The medical/tech advances alone would make my point, but you seem to want to
ignore those, so I'll stick with social aspects.

Our populace is more educated, less violent, healthier, and wealthier than we
were in the 1920s. Heck, on Wall Street the 1920s was a decade of greed and
moral decrepitude (if you get into that sort of name calling) that is possibly
only rivalled by the 1980s. Go back 30 years, and you are squarely in the
'Gilded Age', where the Senate was completely controlled by large companies
(to the point where the companies simply picked candidates and ushered them
through state legislatures, because Senators weren't popularly elected yet).
After that came the Progressive years, where we learned that our meat was
lethal and other things, and women finally got treated like human beings.

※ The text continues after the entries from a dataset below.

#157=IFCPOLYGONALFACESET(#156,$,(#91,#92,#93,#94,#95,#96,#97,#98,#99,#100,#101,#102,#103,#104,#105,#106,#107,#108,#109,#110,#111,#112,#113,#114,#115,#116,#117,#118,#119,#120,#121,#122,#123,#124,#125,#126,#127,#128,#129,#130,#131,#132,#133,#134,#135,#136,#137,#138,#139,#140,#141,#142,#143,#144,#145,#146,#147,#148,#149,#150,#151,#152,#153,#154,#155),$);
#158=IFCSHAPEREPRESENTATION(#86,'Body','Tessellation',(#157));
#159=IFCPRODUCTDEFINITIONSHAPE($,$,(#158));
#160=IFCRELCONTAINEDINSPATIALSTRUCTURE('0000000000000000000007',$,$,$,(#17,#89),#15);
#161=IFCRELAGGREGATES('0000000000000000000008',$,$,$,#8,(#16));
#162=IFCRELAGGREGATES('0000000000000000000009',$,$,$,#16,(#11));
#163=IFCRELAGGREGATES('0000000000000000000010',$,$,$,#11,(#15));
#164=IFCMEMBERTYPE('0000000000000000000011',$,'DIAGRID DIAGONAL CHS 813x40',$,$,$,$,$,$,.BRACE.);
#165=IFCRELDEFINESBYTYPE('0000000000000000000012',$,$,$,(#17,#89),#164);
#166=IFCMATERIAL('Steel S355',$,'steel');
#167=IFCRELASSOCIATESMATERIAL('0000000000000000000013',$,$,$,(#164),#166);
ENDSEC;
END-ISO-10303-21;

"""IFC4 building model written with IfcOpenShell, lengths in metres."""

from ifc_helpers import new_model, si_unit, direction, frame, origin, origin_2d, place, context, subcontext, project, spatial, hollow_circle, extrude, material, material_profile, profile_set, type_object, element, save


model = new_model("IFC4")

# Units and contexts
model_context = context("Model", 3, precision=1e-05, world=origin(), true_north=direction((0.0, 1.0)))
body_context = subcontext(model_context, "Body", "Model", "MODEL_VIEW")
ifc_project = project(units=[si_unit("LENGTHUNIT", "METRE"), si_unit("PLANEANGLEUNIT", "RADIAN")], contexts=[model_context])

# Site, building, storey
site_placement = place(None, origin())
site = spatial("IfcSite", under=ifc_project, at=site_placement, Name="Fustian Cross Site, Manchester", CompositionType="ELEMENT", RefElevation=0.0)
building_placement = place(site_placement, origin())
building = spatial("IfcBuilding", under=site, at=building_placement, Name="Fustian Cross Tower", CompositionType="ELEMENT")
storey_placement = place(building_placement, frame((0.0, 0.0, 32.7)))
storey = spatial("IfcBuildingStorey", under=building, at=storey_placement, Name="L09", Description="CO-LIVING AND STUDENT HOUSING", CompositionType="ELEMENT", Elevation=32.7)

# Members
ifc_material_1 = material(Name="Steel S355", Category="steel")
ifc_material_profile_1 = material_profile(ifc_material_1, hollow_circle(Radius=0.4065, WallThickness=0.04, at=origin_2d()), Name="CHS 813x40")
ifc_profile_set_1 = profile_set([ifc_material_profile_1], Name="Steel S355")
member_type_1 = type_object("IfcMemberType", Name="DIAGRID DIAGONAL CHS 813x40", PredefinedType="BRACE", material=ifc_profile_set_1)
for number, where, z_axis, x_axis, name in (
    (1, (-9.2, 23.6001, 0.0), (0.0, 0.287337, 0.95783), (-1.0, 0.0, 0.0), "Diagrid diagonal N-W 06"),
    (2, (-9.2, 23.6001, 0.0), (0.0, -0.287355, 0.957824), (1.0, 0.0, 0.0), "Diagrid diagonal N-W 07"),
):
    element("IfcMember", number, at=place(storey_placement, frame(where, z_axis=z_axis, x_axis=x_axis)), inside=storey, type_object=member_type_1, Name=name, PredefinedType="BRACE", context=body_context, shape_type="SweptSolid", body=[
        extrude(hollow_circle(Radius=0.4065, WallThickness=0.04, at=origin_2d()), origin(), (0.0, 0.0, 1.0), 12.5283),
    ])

How
could any of those decades be considered better than the current one? Sure,
women's suffrage was a great accomplishment, but only because the reality to
that point was so bad.

My brother has a saying... "progress, not perfection". American history has
been exactly that. Sure, there are temporary setbacks (no one can argue the
1930s were better than the 1920s really), and there are local setbacks (1980s
Detroit?) but the overall story is progress. Thankfully the small victories
accumulate faster than the setbacks, leaving us with a better society all the
time.

I guess if we need the jeremiad to motivate us to make progress, then that is
fine. I was simply commenting that it's disingenuous to pretend that it's
somehow different this time. If it really were different, you wouldn't be
sitting around musing about it, you'd be dealing with a collapsing society.

But I guess if you realize that, the jeremiad loses it's power, so maybe it's
better we keep pretending that things are going to hell.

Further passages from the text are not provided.